# 10 & 20 gal low to no maint tanks



## dhavoc (Mar 17, 2006)

new to this board, so here are my low tech no-frills tanks.

specs:
10 and 20L
original eclipse hoods and filters (1.3-1.7 wpg)
fourite substrate
driftwood and petrified wood/rocks

plants:
java moss
java fern
dwarf chain sword(barely surviving in the 20g)
pearlweed (again barely surviving in the 20g)

inhabitants:
10g: 2 very old(5 yrs) cardinal and rummy nose tetras, 1 chocolate gruomi, 1 oto, 1 very fat 6" dojo, dozens of malayan rainbow shrimp (they sell them as "feeder shrimp" here in Hawaii, and 10-15 RCS (trying to breed them as well)

20g: 14 cardinals, 4 moons (my daughter likes them so i cant dump em), 3 otos, 3 fat happy SAE, 2 hillstream loaches, 1 old pencil fish and hundreds of malayan rainbow shrimp (they breed like rabbits)


----------



## John N. (Dec 11, 2005)

Wow, I like everything is so lush and dark green. I'm no aquascaping expert, but the second tank is most visually impressive due to lots of open space and depth. The moss on the first is very cool looking, and would be greatly accented with bring the anubias forward in place of that crypt which looks too big in the front and distracts from that awesome moss. 

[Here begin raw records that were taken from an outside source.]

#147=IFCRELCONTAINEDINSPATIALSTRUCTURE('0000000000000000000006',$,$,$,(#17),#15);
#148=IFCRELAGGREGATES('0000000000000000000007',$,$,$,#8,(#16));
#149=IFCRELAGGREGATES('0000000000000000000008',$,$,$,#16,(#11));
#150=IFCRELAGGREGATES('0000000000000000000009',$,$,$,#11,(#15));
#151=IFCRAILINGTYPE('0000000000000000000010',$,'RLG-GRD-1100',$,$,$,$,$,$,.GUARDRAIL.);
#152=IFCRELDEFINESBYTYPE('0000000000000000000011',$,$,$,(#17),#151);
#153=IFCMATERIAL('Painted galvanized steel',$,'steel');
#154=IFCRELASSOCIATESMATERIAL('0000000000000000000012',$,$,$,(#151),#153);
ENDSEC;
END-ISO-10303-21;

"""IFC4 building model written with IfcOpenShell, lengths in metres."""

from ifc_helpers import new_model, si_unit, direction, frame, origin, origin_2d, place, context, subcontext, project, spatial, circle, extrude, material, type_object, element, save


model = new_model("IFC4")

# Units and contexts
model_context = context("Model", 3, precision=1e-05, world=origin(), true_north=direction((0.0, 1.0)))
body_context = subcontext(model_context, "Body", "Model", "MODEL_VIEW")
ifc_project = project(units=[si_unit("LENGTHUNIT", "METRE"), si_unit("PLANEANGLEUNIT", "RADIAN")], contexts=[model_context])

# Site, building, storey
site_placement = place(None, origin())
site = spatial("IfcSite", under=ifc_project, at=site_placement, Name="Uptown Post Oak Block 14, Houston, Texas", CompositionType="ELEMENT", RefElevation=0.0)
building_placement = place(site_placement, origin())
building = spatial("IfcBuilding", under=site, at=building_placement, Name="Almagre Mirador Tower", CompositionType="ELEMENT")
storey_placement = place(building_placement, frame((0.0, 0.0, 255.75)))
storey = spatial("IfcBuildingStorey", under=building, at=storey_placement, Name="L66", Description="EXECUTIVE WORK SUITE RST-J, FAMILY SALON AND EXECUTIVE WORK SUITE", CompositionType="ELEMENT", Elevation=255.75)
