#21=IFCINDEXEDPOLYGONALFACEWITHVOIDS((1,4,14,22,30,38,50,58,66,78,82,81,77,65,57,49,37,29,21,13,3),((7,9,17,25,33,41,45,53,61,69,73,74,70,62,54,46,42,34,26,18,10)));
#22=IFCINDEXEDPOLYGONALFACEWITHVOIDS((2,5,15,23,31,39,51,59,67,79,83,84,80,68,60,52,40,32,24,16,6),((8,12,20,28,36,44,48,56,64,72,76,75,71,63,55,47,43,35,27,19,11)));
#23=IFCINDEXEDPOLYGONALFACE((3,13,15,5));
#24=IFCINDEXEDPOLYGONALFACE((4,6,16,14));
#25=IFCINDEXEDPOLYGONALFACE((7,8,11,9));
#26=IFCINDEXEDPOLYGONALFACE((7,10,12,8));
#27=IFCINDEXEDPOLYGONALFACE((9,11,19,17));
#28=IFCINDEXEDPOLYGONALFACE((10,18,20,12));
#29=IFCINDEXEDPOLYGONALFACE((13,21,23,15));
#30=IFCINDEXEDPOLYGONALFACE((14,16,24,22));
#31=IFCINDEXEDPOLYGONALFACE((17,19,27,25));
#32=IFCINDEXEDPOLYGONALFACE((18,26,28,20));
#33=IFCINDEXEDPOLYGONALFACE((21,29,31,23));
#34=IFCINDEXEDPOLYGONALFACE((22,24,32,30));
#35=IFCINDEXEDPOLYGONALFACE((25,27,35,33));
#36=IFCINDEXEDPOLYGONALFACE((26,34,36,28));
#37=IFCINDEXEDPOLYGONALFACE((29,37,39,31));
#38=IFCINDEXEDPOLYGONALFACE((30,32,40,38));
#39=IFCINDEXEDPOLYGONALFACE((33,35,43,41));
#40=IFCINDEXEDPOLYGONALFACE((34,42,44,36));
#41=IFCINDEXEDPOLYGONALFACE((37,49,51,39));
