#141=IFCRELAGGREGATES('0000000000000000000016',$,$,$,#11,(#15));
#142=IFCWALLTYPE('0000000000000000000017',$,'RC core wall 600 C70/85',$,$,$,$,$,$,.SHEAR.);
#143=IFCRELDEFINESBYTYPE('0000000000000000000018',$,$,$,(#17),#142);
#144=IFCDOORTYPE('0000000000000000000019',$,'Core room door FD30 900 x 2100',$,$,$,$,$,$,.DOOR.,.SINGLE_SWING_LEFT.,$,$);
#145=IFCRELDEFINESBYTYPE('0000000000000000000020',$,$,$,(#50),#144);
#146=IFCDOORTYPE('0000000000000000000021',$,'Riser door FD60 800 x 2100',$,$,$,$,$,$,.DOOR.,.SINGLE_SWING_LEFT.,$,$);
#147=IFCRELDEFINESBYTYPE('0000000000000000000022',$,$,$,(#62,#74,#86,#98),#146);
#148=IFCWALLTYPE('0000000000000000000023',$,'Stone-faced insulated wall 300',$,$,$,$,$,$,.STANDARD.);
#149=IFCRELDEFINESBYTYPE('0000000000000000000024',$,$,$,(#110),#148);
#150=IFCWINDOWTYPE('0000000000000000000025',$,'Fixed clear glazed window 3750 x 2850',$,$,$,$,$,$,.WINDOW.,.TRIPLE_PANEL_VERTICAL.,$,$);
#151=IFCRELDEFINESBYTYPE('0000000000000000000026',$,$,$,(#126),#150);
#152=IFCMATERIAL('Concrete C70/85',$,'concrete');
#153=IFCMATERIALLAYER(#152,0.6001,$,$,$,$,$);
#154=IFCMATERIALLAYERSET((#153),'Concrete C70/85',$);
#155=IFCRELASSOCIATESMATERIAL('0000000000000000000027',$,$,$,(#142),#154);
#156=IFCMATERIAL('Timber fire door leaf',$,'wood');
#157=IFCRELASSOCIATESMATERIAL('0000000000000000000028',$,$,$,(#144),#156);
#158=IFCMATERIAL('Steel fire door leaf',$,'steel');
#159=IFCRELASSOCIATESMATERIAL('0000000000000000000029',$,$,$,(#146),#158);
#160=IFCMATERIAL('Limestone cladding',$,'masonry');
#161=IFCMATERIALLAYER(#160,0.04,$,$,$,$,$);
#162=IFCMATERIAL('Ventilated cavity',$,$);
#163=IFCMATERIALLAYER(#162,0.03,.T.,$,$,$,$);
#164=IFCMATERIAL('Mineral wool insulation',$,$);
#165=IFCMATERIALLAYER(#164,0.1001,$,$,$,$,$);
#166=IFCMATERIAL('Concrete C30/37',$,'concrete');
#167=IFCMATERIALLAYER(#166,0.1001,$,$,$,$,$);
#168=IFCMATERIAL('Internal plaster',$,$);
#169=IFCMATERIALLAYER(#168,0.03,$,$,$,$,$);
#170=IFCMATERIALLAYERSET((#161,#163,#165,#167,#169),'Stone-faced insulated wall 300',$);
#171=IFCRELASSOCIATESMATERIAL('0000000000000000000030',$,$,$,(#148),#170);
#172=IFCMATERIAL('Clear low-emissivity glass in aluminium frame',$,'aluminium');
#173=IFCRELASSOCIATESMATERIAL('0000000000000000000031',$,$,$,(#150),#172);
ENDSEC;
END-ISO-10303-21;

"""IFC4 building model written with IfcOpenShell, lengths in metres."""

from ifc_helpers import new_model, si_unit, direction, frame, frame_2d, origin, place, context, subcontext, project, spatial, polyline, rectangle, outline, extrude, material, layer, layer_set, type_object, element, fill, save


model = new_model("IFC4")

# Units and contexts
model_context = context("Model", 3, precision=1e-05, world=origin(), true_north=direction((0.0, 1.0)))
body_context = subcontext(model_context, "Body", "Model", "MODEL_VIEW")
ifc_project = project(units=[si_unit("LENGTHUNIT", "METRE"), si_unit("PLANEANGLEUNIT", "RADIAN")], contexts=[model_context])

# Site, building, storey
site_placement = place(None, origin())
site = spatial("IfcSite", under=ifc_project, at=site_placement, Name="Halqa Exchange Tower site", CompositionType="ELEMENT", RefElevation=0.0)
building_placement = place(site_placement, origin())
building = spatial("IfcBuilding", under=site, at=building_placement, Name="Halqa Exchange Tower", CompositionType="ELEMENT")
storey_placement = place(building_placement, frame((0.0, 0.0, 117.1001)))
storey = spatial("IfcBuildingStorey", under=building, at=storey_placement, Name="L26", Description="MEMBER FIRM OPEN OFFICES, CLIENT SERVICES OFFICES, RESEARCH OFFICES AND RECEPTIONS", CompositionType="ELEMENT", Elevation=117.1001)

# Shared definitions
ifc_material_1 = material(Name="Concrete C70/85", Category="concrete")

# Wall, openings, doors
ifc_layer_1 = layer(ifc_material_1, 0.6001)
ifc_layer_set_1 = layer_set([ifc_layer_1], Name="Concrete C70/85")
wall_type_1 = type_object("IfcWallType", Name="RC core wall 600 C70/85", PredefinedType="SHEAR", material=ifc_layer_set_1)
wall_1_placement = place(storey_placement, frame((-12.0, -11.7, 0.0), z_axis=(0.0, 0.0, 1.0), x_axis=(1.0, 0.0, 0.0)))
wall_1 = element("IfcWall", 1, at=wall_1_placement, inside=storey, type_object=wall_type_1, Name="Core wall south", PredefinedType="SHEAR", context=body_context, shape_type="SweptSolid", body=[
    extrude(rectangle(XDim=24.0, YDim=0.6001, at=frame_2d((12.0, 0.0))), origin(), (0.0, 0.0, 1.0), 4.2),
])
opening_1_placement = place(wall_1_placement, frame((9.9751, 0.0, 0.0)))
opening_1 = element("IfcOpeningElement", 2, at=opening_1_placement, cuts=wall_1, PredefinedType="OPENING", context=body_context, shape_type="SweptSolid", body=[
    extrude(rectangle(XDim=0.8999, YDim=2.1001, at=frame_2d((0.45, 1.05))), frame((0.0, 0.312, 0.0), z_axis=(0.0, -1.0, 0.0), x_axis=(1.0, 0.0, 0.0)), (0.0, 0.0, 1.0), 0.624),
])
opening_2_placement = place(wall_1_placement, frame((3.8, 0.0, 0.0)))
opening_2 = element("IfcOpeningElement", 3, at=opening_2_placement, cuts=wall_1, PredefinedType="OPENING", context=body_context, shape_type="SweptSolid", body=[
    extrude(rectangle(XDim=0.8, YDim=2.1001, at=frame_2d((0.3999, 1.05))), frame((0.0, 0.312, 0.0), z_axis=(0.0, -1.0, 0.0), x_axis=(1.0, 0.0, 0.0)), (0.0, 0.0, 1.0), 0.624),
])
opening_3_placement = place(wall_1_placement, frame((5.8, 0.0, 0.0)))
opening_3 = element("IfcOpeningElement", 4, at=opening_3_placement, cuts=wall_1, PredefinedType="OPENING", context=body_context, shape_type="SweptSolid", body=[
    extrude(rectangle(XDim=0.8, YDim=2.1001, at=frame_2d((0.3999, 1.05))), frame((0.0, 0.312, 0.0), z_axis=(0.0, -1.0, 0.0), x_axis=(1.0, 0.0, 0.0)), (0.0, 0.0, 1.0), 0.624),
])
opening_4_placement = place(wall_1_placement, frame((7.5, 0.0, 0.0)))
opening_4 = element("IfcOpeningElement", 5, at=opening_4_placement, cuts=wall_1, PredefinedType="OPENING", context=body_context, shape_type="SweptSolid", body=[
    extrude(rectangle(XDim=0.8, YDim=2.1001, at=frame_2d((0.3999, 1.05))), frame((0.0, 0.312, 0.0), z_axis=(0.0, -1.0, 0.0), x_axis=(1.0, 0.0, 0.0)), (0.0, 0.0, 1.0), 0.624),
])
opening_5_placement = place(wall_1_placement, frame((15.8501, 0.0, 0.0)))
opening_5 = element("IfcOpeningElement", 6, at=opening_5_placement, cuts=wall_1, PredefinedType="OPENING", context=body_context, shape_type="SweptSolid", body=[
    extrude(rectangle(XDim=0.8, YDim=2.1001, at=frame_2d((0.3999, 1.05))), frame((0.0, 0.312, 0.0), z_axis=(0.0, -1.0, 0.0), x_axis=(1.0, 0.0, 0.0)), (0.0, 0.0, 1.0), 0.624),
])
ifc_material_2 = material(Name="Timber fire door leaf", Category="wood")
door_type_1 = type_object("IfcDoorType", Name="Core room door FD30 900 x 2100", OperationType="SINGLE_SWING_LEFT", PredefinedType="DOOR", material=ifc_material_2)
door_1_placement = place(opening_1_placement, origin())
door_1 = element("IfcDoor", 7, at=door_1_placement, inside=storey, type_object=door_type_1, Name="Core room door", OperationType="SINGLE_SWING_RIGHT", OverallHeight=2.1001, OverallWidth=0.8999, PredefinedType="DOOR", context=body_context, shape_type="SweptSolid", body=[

Other than that I really like both tanks alot. Welcome to APC!  It's good to see some lower tech setups popping up for inspiration.

-John N.


----------



## dhavoc (Mar 17, 2006)

Thanks, i'm no aquascaper so everything just kinda grew wherever i stuck it. i agree about the crypt, it was much smaller when i originally planted it and also only consisted of 2-3 plants compared to the 10 or so it has grown into. a little leery of pulling it up as they have some pretty massive root systems. moss needs a trim too, just dont have time to get to it. as for the anubia, i want to replace it with a nana version to better match the small tank size. my order for some is lost in that place where all lost packages disapear to so i guess i need to try ordering again.


----------



## skylsdale (Jun 2, 2004)

Absolutely beautiful. These tanks are exactly the type of thing I would strive for. Keep it up...and be sure to post updates!


----------



## dhavoc (Mar 17, 2006)

thanks, not much changes or happens with them, as since i pretty much dont do anything except feed the fish/shrimp and change about 40-50% of the water every month or so the plants grow at a glacial rate. the 10g is 5 years old and the 20g is ~3 years old. actually had to remove an anubias covered piece of driftwood from the 20g because it was getting too overgrown in there. i kinda like it better now with open space and may yank the large java fern growing on the right side of the 20 as well.


----------



## Miss Fishy (May 13, 2006)

Beautiful tanks, especially the 10 gallon! Did you say you have a _6 inch_ Dojo Loach in the 10 gallon? :jaw: How does it fit in the tank? Where does it swim around?

From Alex.


----------



## dhavoc (Mar 17, 2006)

thanks, as for the dojo, he pretty much goes wherever he wants to.... lucky for me i used flourite/gravel and not some light fluffly soil like eco or ada so even though he does root around he cant disturb the tank too much. he has made a cave of sorts under the driftwood behind the large crypt on the left side and sticks his head out to look around. trying to train him to eat snails as i have a small ram snail infestation that i cant get rid of even though i bait with lettuce and remove manually. he loves crushed ones but wont seem to eat the others even though they easily fit in his mouth. makes getting rid of the snails a little easier as i now just smash em as i find them and the dojo and shrimp go nuts over the carcases.


----------